I saw a lot of signs today while driving from Texas to our home in Illinois. A LOT of signs.
I could have gone to any number of auctions, roadside stands, realty companies and a plethora of "possibly interesting" small towns. The "worlds largest rocking chair" WAS tempting, I must admit.
I couldn't help but relate the physical "signs" (which never fail to clutter up the highways and ruin perfectly good photo opportunities) to the metaphorical "signs" in my life.
Take for instance the roadsign that read, "Sarcoxie, MO - 1 mile." That could be nothing more than a warning for Sarcoxians not to miss their exit. Or... it could be an opportunity to explore a new place.
It was a complete non-decision to keep moving forward based on time constraints, not to mention a complete disinterest in Sarcoxie, MO. But another day - under different circumstances - we may veer off the road and discover something wonderful.

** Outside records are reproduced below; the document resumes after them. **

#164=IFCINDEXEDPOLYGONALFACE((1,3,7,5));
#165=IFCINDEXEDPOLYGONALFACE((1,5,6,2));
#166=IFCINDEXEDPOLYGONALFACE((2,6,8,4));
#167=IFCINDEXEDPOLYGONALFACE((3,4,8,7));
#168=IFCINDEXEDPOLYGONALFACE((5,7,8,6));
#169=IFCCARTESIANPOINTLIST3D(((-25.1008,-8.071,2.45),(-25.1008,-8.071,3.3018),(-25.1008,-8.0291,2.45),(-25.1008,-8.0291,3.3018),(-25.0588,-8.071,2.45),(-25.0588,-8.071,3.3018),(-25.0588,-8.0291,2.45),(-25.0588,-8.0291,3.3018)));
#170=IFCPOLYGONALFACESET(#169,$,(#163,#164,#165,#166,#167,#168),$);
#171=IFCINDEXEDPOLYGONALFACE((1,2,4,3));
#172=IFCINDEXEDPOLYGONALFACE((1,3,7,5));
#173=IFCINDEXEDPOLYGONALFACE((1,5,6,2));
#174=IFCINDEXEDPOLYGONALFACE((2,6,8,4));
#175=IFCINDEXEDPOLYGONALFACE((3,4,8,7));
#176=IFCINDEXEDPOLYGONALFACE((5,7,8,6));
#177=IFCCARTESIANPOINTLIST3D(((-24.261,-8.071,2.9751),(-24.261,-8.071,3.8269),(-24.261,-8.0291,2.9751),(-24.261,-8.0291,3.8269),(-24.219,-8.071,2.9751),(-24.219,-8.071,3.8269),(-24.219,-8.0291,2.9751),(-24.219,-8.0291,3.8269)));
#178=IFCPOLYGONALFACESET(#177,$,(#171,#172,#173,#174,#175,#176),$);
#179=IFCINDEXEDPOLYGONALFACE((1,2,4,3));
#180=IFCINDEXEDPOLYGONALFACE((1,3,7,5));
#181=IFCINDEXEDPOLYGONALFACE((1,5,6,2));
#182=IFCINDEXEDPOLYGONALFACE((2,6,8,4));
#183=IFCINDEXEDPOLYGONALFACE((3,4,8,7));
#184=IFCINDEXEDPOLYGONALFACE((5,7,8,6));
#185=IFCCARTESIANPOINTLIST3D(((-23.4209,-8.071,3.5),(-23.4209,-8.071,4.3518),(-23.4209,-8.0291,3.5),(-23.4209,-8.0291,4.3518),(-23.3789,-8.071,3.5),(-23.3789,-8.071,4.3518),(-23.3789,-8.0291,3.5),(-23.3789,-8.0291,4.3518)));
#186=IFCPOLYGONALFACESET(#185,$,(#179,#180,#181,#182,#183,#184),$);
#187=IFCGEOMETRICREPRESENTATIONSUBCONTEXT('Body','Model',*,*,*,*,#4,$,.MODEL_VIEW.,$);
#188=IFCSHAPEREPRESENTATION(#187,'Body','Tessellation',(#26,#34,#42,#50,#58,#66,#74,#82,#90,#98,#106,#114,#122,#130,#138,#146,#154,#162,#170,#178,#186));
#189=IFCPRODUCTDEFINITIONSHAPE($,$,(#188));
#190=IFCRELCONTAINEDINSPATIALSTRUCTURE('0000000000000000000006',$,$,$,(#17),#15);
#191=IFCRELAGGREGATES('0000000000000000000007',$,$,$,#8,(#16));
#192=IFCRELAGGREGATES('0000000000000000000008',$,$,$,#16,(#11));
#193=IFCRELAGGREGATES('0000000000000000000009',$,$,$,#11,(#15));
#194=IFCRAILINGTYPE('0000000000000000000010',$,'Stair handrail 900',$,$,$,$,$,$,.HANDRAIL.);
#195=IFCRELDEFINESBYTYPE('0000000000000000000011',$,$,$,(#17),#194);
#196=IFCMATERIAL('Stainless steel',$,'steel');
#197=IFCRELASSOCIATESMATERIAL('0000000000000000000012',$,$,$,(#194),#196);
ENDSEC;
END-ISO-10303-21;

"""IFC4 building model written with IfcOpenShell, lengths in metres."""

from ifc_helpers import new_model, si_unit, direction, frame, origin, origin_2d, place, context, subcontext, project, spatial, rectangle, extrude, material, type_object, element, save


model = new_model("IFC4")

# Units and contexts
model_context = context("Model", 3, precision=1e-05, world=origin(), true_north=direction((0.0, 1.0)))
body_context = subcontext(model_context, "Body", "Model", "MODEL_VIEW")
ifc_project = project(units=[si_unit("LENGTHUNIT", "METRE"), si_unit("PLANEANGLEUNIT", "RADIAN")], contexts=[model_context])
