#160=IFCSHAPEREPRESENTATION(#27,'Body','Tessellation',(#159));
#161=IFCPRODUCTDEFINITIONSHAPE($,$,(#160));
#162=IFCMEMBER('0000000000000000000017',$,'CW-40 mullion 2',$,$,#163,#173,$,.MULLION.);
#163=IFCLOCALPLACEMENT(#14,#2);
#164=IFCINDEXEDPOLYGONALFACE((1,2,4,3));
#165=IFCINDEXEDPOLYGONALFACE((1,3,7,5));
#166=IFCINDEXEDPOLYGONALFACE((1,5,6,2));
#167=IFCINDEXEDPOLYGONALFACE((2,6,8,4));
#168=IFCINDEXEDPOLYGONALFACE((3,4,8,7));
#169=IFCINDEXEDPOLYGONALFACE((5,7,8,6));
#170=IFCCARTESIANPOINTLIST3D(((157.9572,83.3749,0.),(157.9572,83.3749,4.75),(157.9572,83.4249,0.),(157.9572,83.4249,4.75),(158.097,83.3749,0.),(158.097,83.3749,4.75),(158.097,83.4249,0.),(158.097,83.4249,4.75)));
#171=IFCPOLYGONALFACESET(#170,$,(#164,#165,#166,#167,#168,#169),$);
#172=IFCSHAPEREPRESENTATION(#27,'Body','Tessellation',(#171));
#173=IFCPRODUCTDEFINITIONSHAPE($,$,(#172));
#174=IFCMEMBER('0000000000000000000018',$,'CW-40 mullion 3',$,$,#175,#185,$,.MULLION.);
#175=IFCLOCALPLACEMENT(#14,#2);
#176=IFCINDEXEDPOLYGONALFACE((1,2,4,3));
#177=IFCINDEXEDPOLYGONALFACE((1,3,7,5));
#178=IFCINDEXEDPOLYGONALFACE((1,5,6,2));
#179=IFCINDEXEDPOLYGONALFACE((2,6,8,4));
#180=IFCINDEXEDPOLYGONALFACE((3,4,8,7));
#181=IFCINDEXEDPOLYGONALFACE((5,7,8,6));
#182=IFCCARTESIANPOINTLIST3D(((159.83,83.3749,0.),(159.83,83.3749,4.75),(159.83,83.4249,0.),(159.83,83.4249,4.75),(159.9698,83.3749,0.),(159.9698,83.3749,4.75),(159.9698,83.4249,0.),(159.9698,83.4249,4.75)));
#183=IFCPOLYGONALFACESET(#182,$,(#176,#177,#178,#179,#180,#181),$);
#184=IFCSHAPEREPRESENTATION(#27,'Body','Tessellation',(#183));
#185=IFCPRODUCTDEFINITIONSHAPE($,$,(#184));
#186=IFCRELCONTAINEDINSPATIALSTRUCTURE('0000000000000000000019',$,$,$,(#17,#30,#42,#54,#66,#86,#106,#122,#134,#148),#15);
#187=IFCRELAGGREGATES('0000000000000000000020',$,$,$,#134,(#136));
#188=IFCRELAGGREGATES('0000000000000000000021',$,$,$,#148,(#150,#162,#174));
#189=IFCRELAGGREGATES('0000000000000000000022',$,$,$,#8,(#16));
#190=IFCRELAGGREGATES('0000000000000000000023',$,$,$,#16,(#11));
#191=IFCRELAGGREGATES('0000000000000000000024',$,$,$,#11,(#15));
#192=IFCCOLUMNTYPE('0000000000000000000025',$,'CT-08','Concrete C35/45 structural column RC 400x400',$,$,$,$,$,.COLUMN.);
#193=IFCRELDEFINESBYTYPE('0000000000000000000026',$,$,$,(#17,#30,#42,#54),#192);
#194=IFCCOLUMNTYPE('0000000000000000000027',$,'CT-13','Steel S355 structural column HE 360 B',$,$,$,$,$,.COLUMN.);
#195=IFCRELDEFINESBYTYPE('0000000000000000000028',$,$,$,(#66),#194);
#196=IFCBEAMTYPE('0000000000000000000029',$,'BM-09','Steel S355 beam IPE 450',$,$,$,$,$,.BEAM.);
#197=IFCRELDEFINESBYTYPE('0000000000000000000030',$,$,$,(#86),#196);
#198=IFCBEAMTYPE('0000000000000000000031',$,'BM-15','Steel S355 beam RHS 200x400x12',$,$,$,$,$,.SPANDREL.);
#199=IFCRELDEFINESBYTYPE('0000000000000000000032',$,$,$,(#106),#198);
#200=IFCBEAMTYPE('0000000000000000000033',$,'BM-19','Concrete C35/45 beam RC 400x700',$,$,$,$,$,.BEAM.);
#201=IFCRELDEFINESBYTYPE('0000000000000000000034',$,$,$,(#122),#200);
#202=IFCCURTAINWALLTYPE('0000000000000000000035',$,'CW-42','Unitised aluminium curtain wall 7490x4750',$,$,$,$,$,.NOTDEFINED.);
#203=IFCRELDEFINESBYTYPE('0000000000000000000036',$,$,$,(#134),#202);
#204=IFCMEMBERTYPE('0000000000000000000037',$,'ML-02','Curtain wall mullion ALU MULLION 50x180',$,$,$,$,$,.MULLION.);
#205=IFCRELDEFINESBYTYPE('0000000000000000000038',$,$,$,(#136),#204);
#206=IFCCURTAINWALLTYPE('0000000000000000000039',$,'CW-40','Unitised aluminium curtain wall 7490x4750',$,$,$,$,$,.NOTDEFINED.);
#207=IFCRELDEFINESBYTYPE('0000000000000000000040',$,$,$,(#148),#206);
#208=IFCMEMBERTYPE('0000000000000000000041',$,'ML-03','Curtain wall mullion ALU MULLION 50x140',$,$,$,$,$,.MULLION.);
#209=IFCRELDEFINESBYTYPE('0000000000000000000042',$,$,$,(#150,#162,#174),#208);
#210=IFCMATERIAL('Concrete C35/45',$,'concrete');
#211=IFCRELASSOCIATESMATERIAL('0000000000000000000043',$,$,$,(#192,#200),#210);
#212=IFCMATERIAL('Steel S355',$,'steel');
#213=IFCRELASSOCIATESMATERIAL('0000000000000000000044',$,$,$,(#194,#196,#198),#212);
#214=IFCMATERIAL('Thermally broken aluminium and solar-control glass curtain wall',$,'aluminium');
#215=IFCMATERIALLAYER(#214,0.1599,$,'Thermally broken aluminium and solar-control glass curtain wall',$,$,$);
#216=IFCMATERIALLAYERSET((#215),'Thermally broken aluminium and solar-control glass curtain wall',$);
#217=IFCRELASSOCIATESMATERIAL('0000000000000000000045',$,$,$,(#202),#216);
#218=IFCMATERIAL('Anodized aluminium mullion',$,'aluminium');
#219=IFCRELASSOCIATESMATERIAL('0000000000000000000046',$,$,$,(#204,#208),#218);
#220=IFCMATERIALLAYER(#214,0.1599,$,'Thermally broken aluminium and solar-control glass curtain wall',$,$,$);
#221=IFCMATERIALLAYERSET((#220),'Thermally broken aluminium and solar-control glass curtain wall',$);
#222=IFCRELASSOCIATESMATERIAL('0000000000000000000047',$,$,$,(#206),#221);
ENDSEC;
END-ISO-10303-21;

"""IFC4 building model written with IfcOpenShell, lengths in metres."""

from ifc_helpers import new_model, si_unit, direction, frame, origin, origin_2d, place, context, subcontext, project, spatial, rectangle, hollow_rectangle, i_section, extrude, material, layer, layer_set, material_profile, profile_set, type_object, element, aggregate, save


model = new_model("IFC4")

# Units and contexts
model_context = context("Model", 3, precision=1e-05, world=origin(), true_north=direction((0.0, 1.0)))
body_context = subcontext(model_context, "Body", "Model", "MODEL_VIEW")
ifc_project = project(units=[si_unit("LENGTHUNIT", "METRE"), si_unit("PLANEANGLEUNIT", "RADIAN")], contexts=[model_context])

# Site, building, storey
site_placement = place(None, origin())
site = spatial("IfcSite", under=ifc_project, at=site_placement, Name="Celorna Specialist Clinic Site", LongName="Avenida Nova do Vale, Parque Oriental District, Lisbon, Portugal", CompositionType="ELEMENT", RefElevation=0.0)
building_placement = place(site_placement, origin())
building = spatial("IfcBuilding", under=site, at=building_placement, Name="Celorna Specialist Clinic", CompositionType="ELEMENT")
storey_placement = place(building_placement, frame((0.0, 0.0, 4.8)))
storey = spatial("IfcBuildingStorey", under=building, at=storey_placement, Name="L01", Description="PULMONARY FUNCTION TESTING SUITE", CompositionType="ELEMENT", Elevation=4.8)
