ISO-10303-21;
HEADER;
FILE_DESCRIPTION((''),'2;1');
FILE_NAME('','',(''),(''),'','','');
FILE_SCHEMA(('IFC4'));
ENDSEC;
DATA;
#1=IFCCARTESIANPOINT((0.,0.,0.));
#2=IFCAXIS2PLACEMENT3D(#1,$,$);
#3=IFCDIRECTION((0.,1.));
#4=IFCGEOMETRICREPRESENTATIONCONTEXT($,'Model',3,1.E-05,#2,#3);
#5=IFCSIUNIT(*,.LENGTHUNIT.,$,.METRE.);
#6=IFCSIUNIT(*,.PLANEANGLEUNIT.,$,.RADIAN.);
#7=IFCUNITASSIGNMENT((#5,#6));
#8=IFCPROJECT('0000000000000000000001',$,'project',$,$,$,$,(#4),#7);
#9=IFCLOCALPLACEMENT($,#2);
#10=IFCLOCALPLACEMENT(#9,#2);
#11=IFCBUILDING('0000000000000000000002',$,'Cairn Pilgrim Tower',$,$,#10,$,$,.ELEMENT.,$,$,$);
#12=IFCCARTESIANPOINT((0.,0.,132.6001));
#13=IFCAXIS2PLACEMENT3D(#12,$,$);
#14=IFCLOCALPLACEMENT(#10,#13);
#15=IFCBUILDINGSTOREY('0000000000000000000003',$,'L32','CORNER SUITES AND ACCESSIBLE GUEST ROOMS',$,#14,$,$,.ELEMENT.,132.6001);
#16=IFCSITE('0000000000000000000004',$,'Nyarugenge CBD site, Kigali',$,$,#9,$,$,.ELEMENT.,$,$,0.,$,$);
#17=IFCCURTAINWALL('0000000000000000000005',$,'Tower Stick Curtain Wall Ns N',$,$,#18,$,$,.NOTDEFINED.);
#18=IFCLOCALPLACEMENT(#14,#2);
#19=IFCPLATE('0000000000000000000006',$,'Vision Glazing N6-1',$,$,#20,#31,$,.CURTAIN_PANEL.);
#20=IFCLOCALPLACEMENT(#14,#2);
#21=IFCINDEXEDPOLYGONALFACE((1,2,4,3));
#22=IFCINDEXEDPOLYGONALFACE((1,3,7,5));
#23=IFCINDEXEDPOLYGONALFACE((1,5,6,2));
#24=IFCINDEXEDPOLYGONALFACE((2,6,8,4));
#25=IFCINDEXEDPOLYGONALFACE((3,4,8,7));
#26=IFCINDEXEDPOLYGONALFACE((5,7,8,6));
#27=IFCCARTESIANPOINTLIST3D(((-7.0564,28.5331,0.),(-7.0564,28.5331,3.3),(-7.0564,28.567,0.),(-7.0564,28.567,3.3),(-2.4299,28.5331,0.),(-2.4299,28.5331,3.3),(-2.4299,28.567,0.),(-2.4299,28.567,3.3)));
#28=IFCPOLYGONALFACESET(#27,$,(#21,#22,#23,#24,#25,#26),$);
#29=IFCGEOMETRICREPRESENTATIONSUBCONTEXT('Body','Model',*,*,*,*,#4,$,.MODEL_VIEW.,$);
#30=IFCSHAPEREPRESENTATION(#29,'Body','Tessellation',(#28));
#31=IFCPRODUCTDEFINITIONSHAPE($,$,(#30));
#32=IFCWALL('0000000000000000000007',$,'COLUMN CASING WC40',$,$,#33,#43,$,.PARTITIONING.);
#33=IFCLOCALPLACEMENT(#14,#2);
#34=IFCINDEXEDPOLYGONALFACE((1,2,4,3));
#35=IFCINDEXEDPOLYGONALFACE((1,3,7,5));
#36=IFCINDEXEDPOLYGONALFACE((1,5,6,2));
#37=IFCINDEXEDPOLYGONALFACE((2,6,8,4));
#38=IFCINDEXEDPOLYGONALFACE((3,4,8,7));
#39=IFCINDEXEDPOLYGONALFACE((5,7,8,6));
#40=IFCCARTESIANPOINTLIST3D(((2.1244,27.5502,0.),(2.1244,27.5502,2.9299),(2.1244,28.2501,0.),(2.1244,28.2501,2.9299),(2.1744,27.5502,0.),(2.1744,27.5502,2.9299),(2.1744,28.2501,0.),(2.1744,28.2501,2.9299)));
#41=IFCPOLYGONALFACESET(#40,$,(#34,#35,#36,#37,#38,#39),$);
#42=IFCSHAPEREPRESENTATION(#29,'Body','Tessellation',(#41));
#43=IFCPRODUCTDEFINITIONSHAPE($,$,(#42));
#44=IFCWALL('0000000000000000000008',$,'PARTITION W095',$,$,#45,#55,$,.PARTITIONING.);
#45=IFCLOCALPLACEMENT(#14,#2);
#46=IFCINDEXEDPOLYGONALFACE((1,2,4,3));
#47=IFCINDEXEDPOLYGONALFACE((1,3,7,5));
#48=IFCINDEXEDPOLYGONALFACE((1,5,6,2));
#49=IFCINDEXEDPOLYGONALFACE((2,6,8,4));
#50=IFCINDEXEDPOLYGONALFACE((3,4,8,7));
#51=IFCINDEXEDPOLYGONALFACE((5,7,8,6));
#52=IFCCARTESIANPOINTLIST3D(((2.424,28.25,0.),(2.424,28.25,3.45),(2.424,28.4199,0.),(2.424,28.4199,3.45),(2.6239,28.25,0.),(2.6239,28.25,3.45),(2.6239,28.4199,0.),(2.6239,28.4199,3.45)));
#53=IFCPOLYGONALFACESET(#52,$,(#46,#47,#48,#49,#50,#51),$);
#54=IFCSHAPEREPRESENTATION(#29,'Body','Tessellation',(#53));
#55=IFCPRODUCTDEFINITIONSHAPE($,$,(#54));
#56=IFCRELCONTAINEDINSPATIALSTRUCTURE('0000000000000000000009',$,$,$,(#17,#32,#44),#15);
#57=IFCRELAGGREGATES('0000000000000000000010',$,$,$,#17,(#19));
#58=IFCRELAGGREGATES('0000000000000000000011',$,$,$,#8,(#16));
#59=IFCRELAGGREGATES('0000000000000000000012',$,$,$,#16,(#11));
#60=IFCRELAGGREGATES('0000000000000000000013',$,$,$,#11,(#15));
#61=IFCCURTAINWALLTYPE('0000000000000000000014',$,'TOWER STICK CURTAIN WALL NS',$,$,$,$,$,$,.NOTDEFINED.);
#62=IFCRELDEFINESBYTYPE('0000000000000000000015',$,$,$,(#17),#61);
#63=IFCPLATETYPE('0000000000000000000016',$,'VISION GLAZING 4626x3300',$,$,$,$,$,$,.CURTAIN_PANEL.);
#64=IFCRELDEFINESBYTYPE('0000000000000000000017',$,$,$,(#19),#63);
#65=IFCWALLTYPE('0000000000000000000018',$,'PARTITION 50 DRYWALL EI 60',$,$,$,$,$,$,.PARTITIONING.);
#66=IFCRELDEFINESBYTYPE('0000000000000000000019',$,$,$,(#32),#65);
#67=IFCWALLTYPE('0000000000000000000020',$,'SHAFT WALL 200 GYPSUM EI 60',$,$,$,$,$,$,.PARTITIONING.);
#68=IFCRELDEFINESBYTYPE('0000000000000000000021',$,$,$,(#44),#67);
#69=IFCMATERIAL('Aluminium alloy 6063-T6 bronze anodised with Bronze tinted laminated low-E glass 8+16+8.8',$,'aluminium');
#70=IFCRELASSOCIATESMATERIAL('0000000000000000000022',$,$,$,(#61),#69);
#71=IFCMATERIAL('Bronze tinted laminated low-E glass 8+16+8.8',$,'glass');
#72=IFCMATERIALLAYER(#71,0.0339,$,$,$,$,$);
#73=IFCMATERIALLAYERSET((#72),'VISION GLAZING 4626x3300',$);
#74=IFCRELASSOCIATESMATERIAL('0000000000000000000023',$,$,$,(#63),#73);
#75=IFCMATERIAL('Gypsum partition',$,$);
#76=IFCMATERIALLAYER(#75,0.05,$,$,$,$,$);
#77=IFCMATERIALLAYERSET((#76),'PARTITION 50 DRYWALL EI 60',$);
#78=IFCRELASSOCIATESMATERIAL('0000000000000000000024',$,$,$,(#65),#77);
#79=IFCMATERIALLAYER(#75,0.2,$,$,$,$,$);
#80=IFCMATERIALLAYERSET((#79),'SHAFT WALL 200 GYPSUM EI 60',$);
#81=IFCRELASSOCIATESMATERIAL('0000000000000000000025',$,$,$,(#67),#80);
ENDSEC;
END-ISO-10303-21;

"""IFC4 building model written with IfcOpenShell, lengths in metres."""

from ifc_helpers import new_model, si_unit, direction, frame, frame_2d, origin, origin_2d, place, context, subcontext, project, spatial, rectangle, extrude, material, layer, layer_set, type_object, element, aggregate, save


model = new_model("IFC4")

# Units and contexts
model_context = context("Model", 3, precision=1e-05, world=origin(), true_north=direction((0.0, 1.0)))
body_context = subcontext(model_context, "Body", "Model", "MODEL_VIEW")
ifc_project = project(units=[si_unit("LENGTHUNIT", "METRE"), si_unit("PLANEANGLEUNIT", "RADIAN")], contexts=[model_context])

# Site, building, storey
site_placement = place(None, origin())
site = spatial("IfcSite", under=ifc_project, at=site_placement, Name="Nyarugenge CBD site, Kigali", CompositionType="ELEMENT", RefElevation=0.0)
building_placement = place(site_placement, origin())
building = spatial("IfcBuilding", under=site, at=building_placement, Name="Cairn Pilgrim Tower", CompositionType="ELEMENT")
storey_placement = place(building_placement, frame((0.0, 0.0, 132.6001)))
storey = spatial("IfcBuildingStorey", under=building, at=storey_placement, Name="L32", Description="CORNER SUITES AND ACCESSIBLE GUEST ROOMS", CompositionType="ELEMENT", Elevation=132.6001)

# Curtain wall
ifc_material_1 = material(Name="Aluminium alloy 6063-T6 bronze anodised with Bronze tinted laminated low-E glass 8+16+8.8", Category="aluminium")
curtain_wall_type_1 = type_object("IfcCurtainWallType", Name="TOWER STICK CURTAIN WALL NS", PredefinedType="NOTDEFINED", material=ifc_material_1)
curtain_wall_1_placement = place(storey_placement, origin())
curtain_wall_1 = element("IfcCurtainWall", 1, at=curtain_wall_1_placement, inside=storey, type_object=curtain_wall_type_1, Name="Tower Stick Curtain Wall Ns N", PredefinedType="NOTDEFINED")

# Plate
ifc_material_2 = material(Name="Bronze tinted laminated low-E glass 8+16+8.8", Category="glass")
ifc_layer_1 = layer(ifc_material_2, 0.0339)
ifc_layer_set_1 = layer_set([ifc_layer_1], Name="VISION GLAZING 4626x3300")
plate_type = type_object("IfcPlateType", Name="VISION GLAZING 4626x3300", PredefinedType="CURTAIN_PANEL", material=ifc_layer_set_1)
plate_placement = place(storey_placement, frame((-4.7432, 28.55, 0.0), z_axis=(0.0, 0.0, 1.0), x_axis=(-1.0, 0.0, 0.0)))
plate = element("IfcPlate", 2, at=plate_placement, type_object=plate_type, Name="Vision Glazing N6-1", PredefinedType="CURTAIN_PANEL", context=body_context, shape_type="SweptSolid", body=[
    extrude(rectangle(XDim=4.6265, YDim=0.0339, at=origin_2d()), origin(), (0.0, 0.0, 1.0), 3.3),
])
aggregate(curtain_wall_1, [plate])

# Walls
ifc_material_3 = material(Name="Gypsum partition")
ifc_layer_2 = layer(ifc_material_3, 0.05)
ifc_layer_set_2 = layer_set([ifc_layer_2], Name="PARTITION 50 DRYWALL EI 60")
wall_type_1 = type_object("IfcWallType", Name="PARTITION 50 DRYWALL EI 60", PredefinedType="PARTITIONING", material=ifc_layer_set_2)
wall_1_placement = place(storey_placement, frame((2.1494, 27.55, 0.0), z_axis=(0.0, 0.0, 1.0), x_axis=(0.0, 1.0, 0.0)))
element("IfcWall", 3, at=wall_1_placement, inside=storey, type_object=wall_type_1, Name="COLUMN CASING WC40", PredefinedType="PARTITIONING", context=body_context, shape_type="SweptSolid", body=[
    extrude(rectangle(XDim=0.7, YDim=0.05, at=frame_2d((0.3501, 0.0))), origin(), (0.0, 0.0, 1.0), 2.9299),
])
ifc_layer_3 = layer(ifc_material_3, 0.2)
ifc_layer_set_3 = layer_set([ifc_layer_3], Name="SHAFT WALL 200 GYPSUM EI 60")
wall_type_2 = type_object("IfcWallType", Name="SHAFT WALL 200 GYPSUM EI 60", PredefinedType="PARTITIONING", material=ifc_layer_set_3)
wall_2_placement = place(storey_placement, frame((2.5239, 28.25, 0.0), z_axis=(0.0, 0.0, 1.0), x_axis=(0.0, 1.0, 0.0)))
element("IfcWall", 4, at=wall_2_placement, inside=storey, type_object=wall_type_2, Name="PARTITION W095", PredefinedType="PARTITIONING", context=body_context, shape_type="SweptSolid", body=[
    extrude(rectangle(XDim=0.1699, YDim=0.2, at=frame_2d((0.085, 0.0))), origin(), (0.0, 0.0, 1.0), 3.45),
])

save(model, "model.ifc")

On the other hand, life sometimes sends me "signs." My body screams out that it is exhausted from time to time... but I fly right past it. Friends send signs that they need help, my partner sends out signs that he needs some care, or my schedule sends out an S.O.S. for some serious retooling. But... I get focused on the destination and don't heed the opportunity to explore what the signs have to offer.
Passing the signs by isn't all bad. Sometimes it's just what you gotta do. But it shouldn't be the rule that I am dismissive of the physical opportunities to explore the world... or the more personal and spiritual signs from my gut.
That has to change. Not only do I need to listen to my gut in my daily life, but I might need to check out this Sarcoxie place. I'll never know what I could discover about myself and the world around me.